The recent GRAPH-BERT model introduces a new approach to learning graph representations merely based on the attention mechanism. GRAPH-BERT provides an opportunity for transferring pre-trained models and learned graph representations across different tasks within the same graph dataset. In this paper, we will further investigate the graph-to-graph transfer of a universal GRAPH-BERT for graph representation learning across different graph datasets, and our proposed model is also referred to as the G5 for simplicity. Many challenges exist in learning G5 to adapt the distinct input and output configurations for each graph data source, as well as the information distributions differences.

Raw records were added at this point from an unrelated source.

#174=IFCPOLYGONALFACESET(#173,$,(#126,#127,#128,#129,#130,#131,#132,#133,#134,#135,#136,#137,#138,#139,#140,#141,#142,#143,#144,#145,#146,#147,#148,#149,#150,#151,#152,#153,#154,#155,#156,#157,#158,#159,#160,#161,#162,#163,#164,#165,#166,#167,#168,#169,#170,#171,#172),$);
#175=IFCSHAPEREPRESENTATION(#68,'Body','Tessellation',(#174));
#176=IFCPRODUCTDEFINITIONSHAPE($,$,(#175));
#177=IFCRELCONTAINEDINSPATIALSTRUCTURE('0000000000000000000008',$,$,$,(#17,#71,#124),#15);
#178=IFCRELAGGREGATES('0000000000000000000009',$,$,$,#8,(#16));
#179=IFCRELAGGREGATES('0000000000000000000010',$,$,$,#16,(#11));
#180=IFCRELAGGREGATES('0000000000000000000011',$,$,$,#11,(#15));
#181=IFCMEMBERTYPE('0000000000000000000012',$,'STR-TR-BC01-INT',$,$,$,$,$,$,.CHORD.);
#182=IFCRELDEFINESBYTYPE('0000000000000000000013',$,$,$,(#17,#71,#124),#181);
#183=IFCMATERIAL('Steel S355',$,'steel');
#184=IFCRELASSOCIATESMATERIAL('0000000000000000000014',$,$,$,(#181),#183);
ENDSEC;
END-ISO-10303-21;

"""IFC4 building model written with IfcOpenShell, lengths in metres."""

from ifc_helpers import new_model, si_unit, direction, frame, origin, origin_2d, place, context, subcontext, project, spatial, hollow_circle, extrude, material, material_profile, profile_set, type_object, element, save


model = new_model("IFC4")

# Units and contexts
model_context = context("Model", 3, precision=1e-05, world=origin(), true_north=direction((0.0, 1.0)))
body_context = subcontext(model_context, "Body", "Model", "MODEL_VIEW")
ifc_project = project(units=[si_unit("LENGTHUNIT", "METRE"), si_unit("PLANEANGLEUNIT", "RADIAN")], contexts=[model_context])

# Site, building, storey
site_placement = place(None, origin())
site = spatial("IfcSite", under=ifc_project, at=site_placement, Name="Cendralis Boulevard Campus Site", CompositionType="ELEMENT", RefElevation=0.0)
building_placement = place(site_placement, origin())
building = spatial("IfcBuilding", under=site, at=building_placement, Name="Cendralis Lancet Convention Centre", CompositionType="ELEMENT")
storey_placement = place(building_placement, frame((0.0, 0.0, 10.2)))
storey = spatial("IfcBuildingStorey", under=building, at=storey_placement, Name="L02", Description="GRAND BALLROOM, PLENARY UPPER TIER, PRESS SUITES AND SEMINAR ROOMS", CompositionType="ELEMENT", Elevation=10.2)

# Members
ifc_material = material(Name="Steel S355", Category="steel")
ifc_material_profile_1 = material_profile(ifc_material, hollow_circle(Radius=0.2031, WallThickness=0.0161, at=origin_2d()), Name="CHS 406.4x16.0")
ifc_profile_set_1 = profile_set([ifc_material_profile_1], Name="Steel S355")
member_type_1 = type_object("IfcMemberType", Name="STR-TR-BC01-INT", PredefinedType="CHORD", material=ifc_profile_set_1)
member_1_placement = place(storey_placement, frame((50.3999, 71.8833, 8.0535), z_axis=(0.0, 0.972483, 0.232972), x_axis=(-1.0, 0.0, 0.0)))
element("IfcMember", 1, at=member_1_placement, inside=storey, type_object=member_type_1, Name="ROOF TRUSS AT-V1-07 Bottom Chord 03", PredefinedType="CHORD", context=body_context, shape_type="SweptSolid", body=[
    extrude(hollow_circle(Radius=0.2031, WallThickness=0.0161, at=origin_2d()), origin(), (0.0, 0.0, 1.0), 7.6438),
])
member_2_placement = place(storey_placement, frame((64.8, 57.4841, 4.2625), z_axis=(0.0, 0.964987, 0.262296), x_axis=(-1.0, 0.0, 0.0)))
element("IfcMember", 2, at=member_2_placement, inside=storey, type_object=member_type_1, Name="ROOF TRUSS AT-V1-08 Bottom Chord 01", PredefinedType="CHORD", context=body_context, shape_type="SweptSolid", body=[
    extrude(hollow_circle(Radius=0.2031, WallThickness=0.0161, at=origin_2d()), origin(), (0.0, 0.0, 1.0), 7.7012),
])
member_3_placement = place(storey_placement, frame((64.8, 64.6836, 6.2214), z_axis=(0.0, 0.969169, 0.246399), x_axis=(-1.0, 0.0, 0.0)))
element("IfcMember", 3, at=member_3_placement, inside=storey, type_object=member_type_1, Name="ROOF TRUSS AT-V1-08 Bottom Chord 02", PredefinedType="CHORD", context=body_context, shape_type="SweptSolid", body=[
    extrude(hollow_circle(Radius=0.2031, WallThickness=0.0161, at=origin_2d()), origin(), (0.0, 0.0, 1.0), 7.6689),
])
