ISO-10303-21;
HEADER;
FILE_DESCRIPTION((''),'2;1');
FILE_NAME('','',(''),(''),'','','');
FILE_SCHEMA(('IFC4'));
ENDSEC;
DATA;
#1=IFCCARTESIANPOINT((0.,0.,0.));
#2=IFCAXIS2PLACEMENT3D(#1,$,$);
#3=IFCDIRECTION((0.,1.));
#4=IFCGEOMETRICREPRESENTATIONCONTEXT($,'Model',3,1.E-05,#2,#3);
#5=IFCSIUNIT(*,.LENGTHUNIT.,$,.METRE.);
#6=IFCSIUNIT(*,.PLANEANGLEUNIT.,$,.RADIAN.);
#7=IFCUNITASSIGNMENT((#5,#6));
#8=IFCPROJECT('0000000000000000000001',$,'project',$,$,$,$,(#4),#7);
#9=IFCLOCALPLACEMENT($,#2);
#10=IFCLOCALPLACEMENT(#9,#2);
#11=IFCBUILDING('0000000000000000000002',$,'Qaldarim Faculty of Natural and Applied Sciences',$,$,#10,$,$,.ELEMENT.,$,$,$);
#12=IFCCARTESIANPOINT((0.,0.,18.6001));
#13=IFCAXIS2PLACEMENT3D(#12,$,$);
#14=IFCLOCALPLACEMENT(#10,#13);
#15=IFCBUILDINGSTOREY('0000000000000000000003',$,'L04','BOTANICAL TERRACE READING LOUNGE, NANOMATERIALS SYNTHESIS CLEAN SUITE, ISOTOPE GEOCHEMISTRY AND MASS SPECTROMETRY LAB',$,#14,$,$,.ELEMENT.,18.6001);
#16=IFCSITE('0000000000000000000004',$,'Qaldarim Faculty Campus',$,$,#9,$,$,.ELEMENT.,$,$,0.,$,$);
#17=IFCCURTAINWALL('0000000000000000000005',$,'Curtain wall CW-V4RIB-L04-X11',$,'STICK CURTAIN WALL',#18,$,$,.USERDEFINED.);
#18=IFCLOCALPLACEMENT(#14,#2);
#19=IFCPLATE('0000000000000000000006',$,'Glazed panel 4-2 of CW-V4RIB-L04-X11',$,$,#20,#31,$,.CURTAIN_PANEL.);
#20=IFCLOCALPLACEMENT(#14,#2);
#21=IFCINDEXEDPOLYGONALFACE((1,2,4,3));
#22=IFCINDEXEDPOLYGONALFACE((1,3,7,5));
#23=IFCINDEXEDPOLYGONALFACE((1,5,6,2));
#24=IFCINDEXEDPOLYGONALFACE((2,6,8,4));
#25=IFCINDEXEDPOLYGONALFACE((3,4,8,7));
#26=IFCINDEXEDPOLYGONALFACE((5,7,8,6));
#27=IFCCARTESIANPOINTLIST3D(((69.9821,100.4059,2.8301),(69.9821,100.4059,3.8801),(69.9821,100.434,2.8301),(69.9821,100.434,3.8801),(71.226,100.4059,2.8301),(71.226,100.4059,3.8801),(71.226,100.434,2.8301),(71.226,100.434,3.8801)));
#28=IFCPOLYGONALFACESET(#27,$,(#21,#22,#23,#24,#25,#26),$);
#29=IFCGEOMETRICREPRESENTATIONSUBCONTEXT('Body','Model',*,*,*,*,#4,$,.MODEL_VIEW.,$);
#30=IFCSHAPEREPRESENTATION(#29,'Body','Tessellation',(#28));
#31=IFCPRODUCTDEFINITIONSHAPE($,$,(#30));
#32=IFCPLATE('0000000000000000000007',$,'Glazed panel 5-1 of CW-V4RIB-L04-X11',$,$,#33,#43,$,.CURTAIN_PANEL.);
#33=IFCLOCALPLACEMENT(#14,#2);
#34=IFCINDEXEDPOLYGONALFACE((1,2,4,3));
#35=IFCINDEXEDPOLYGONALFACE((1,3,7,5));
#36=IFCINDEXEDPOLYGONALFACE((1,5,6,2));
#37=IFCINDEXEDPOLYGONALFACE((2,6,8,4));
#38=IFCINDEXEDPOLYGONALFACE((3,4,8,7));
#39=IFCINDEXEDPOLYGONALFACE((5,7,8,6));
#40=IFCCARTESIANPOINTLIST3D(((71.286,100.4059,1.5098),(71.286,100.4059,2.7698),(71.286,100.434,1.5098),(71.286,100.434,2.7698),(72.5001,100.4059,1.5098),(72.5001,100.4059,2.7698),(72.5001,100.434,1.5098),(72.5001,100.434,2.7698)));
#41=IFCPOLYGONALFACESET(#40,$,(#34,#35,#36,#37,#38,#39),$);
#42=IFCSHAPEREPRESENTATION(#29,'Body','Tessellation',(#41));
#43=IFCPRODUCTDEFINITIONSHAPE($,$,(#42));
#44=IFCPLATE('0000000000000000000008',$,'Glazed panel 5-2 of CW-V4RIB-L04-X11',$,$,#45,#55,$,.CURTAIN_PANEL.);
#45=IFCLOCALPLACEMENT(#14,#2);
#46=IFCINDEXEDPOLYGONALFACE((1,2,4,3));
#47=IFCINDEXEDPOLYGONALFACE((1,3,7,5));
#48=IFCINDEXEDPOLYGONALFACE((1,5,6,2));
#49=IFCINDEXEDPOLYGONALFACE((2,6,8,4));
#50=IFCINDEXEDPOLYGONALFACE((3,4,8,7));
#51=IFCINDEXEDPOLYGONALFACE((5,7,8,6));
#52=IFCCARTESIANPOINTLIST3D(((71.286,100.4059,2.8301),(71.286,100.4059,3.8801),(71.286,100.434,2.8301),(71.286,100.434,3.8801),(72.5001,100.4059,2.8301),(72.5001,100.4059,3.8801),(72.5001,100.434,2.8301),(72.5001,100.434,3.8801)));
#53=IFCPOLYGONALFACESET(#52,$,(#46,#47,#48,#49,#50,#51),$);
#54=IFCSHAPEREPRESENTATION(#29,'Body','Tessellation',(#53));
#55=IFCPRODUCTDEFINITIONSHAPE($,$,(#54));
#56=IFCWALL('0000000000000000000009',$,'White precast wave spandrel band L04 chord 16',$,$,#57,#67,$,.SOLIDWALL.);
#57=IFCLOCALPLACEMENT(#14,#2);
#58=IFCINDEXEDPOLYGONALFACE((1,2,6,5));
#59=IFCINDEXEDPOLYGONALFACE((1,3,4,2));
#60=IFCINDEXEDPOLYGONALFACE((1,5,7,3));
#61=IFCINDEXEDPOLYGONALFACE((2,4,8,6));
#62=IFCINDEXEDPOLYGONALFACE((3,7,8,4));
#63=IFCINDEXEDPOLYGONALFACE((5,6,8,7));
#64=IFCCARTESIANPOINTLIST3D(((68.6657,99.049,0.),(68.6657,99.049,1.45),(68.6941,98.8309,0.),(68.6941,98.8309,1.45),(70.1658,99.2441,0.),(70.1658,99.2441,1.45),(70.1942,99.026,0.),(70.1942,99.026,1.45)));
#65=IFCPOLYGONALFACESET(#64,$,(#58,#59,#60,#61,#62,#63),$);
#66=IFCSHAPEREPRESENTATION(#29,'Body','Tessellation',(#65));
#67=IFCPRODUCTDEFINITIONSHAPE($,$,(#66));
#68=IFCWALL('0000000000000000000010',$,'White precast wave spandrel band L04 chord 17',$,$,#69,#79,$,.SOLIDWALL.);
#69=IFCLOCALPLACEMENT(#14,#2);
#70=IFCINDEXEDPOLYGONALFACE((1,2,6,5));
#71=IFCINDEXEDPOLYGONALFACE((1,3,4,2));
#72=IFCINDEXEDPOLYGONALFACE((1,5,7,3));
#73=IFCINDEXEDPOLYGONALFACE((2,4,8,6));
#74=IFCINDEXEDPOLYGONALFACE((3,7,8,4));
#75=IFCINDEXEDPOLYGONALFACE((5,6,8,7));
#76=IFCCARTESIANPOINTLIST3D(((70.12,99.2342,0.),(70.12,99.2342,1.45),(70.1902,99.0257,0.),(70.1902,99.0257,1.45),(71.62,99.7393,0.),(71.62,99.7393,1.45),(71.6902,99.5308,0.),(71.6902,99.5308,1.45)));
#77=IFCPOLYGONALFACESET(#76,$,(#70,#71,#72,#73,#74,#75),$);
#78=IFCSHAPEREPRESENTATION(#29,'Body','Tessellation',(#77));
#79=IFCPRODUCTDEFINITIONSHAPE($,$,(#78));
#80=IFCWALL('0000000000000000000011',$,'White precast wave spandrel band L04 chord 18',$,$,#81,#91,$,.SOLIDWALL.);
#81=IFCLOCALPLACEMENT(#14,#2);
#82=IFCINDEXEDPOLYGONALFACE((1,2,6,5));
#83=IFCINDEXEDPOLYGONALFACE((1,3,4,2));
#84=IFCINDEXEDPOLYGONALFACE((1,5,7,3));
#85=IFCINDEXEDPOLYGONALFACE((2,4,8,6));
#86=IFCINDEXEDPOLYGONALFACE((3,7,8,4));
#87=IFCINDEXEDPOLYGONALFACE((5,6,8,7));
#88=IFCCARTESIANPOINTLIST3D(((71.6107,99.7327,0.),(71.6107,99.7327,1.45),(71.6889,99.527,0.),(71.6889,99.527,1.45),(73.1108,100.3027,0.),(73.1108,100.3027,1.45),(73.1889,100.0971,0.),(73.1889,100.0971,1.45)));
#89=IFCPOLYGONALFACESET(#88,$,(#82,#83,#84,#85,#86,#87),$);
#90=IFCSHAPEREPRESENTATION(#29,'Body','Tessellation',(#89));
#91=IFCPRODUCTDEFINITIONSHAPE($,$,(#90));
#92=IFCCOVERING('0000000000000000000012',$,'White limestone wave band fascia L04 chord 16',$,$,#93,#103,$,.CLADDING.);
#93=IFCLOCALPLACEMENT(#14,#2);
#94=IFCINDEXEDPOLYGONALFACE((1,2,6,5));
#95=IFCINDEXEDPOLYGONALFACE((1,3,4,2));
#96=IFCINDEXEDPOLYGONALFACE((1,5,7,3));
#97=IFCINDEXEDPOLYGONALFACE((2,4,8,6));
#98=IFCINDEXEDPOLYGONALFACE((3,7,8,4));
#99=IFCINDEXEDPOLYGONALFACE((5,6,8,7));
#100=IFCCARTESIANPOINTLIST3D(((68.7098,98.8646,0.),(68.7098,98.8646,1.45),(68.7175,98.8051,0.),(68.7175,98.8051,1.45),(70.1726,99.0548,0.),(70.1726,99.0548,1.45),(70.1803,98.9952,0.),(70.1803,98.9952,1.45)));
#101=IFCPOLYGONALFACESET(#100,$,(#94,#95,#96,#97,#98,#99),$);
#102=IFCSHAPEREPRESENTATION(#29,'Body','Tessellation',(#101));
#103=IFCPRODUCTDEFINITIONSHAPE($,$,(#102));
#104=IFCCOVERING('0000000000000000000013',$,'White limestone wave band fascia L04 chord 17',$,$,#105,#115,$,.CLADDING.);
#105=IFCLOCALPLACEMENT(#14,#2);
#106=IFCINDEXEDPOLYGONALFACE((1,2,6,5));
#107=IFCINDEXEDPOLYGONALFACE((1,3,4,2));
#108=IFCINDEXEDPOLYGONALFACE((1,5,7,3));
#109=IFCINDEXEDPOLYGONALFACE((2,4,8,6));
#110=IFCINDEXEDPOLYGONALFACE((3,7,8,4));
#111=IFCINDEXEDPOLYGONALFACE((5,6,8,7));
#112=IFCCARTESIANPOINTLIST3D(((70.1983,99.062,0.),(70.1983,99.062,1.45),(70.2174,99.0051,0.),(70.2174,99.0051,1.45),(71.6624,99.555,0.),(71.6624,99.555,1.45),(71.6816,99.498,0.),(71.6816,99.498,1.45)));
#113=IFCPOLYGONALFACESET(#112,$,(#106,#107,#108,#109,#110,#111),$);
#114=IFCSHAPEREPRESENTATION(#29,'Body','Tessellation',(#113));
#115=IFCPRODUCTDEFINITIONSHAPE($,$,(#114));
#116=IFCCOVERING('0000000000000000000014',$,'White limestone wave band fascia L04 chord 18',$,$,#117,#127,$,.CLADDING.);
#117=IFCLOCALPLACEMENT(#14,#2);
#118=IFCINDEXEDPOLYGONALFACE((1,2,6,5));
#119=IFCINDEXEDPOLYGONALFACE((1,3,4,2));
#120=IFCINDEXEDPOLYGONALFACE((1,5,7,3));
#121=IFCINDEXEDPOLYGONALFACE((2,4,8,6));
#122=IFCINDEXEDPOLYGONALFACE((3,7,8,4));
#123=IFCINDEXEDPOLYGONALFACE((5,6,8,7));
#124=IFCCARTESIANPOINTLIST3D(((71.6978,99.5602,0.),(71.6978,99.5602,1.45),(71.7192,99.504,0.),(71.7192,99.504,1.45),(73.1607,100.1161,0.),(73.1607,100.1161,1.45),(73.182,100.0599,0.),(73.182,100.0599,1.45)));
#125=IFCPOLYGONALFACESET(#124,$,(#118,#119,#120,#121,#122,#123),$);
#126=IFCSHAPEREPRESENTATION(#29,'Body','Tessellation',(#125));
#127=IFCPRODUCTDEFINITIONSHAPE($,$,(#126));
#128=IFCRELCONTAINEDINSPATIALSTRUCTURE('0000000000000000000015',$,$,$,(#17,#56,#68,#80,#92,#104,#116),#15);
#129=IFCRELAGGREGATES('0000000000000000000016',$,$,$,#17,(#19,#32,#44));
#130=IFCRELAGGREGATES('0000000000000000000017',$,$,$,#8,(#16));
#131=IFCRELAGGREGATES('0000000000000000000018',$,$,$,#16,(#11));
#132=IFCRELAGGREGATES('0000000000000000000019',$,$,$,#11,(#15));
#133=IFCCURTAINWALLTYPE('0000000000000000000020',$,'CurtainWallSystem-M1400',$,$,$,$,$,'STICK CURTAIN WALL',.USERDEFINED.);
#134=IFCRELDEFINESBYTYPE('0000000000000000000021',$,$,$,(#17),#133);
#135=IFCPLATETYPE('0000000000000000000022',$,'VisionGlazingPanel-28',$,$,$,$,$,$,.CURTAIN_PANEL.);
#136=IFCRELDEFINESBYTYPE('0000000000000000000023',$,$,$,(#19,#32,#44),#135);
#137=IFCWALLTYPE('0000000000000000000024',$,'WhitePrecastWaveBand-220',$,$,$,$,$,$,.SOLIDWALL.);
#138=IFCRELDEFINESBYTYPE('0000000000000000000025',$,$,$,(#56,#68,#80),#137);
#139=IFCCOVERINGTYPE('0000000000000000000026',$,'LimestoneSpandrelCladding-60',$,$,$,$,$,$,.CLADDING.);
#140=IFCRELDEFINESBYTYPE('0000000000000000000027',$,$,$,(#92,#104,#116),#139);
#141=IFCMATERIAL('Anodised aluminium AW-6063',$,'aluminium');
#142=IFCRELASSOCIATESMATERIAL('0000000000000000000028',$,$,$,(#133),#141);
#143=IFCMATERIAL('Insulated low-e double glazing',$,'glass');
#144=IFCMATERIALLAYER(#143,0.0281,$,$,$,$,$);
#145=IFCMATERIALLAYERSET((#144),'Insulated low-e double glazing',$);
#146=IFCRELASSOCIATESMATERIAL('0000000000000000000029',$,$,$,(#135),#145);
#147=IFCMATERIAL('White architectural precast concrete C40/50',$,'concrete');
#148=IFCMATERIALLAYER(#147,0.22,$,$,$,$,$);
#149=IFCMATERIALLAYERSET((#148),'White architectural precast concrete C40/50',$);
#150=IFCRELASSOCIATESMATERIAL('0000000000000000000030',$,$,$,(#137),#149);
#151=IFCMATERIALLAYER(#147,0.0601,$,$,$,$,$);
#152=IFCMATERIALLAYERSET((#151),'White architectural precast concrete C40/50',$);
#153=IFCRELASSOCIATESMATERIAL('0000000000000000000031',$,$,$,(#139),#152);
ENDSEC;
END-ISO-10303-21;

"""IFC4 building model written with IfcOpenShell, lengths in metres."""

from ifc_helpers import new_model, si_unit, direction, frame, frame_2d, origin, origin_2d, place, context, subcontext, project, spatial, rectangle, extrude, material, layer, layer_set, type_object, element, aggregate, save


model = new_model("IFC4")

# Units and contexts
model_context = context("Model", 3, precision=1e-05, world=origin(), true_north=direction((0.0, 1.0)))
body_context = subcontext(model_context, "Body", "Model", "MODEL_VIEW")
ifc_project = project(units=[si_unit("LENGTHUNIT", "METRE"), si_unit("PLANEANGLEUNIT", "RADIAN")], contexts=[model_context])

# Site, building, storey
site_placement = place(None, origin())
site = spatial("IfcSite", under=ifc_project, at=site_placement, Name="Qaldarim Faculty Campus", CompositionType="ELEMENT", RefElevation=0.0)
building_placement = place(site_placement, origin())
building = spatial("IfcBuilding", under=site, at=building_placement, Name="Qaldarim Faculty of Natural and Applied Sciences", CompositionType="ELEMENT")
storey_placement = place(building_placement, frame((0.0, 0.0, 18.6001)))
storey = spatial("IfcBuildingStorey", under=building, at=storey_placement, Name="L04", Description="BOTANICAL TERRACE READING LOUNGE, NANOMATERIALS SYNTHESIS CLEAN SUITE, ISOTOPE GEOCHEMISTRY AND MASS SPECTROMETRY LAB", CompositionType="ELEMENT", Elevation=18.6001)

# Curtain wall
ifc_material_1 = material(Name="Anodised aluminium AW-6063", Category="aluminium")
curtain_wall_type = type_object("IfcCurtainWallType", Name="CurtainWallSystem-M1400", ElementType="STICK CURTAIN WALL", PredefinedType="USERDEFINED", material=ifc_material_1)
curtain_wall_1_placement = place(storey_placement, origin())
curtain_wall_1 = element("IfcCurtainWall", 1, at=curtain_wall_1_placement, inside=storey, type_object=curtain_wall_type, Name="Curtain wall CW-V4RIB-L04-X11", ObjectType="STICK CURTAIN WALL", PredefinedType="USERDEFINED")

G5 introduces a pluggable model architecture: (a) each data source will be pre-processed with a unique input representation learning component; (b) each output application task will also have a specific functional component; and (c) all such diverse input and output components will all be conjuncted with a universal GRAPH-BERT core component via an input size unification layer and an output representation fusion layer, respectively. The G5 model removes the last obstacle for cross-graph representation learning and transfer. For the graph sources with very sparse training data, the G5 model pre-trained on other graphs can still be utilized for representation learning with necessary fine-tuning. What's more, the architecture of G5 also allows us to learn a supervised functional classifier for data sources without any training data at all. Such a problem is also named as the Apocalypse Learning task in this paper. Two different label reasoning strategies, i.e., Cross-Source Classification Consistency Maximization (CCCM) and Cross-Source Dynamic Routing (CDR), are introduced in this paper to address the problem.